Our Captain guided our 50’ “Sloop Rigged Sailing Catamaran” for a group of whales. He made a point of stating that the endangered whales are federally protected and that a law states prohibits approaching within 100 yards without a special permit—that’s the kind researchers get.

“That’s a mom and calf,” Mark said and held up a model of a humpback whale. When a calf is first born, he said, its entire body's coloration is almost white, considerably lighter than that of its mother and the rest of its brethren. Within hours, though, its pigmentation darkens, including its fluke (tail flipper). As you may know, the underside of an adult's fluke is the whale's thumbprint. No two whales have the same pattern on their flukes. Newborns, however, do not develop their thumbprint right away, and so if you see a dark fluke making repetitive tail slaps, chances are it's a calf.

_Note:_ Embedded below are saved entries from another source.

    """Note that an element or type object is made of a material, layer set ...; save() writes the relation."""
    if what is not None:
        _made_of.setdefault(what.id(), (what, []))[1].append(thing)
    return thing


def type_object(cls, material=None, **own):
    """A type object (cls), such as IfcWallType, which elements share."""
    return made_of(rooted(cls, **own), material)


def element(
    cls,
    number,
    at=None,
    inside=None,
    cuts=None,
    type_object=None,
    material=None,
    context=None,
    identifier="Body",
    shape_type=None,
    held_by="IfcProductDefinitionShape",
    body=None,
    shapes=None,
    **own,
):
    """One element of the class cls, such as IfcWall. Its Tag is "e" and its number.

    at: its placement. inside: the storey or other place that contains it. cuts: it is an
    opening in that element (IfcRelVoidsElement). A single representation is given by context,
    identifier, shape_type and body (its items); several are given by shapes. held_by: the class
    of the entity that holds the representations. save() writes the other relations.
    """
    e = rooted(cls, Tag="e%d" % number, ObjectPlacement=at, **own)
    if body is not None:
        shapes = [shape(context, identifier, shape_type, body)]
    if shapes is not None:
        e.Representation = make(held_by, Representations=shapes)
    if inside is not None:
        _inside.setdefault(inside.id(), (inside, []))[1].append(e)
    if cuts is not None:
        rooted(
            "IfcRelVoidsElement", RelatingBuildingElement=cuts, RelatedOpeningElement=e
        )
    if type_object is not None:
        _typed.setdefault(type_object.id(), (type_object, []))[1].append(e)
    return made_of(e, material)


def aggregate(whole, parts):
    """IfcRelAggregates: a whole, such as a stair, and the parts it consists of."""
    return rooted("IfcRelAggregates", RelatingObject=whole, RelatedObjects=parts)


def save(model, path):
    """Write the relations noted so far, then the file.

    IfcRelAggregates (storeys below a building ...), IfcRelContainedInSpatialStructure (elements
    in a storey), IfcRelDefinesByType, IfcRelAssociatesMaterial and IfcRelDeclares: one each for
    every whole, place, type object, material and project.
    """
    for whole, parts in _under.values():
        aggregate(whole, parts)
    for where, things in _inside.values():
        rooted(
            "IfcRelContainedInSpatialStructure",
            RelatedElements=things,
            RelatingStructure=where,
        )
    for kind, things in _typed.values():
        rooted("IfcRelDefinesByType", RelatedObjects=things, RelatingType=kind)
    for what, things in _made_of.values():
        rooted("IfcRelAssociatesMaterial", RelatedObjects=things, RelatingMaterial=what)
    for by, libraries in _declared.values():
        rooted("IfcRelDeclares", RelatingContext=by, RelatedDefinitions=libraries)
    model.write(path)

Mark’s dialogue was repeatedly interrupted with exclamations of “Look” and “There” and “Wow.”

When mom decides the calf is sufficiently strong and fat enough for its 3,000-mile trek to Alaska--and when she is a svelte one-third smaller and really, really hungry--she will lead her youngster back to Alaska. She will also guide it back to Hawaii a year later before she weans it for good. Once weaned, the calf and mother pretty much go their separate ways. On average, female humpback whales give birth every two to three years.

The practice of whale watching on boats generally overlays the hands of a clock on a boat, with straight up 12 o’clock being the bow. So, if you’re sitting, facing forward, and see a whale on your left, you’d call out 9:00. Or 10:00. Or 7:00. This gives people an idea of where to look. To give you an idea of how many whales we sighted on our two-hour whale watch, let’s just say, groups of whales lined up at every hour on the dial, in the far-distance, mid-distance and near-distance. Or, as Mark, said, “Welcome to Maui. Welcome to Whale Soup.”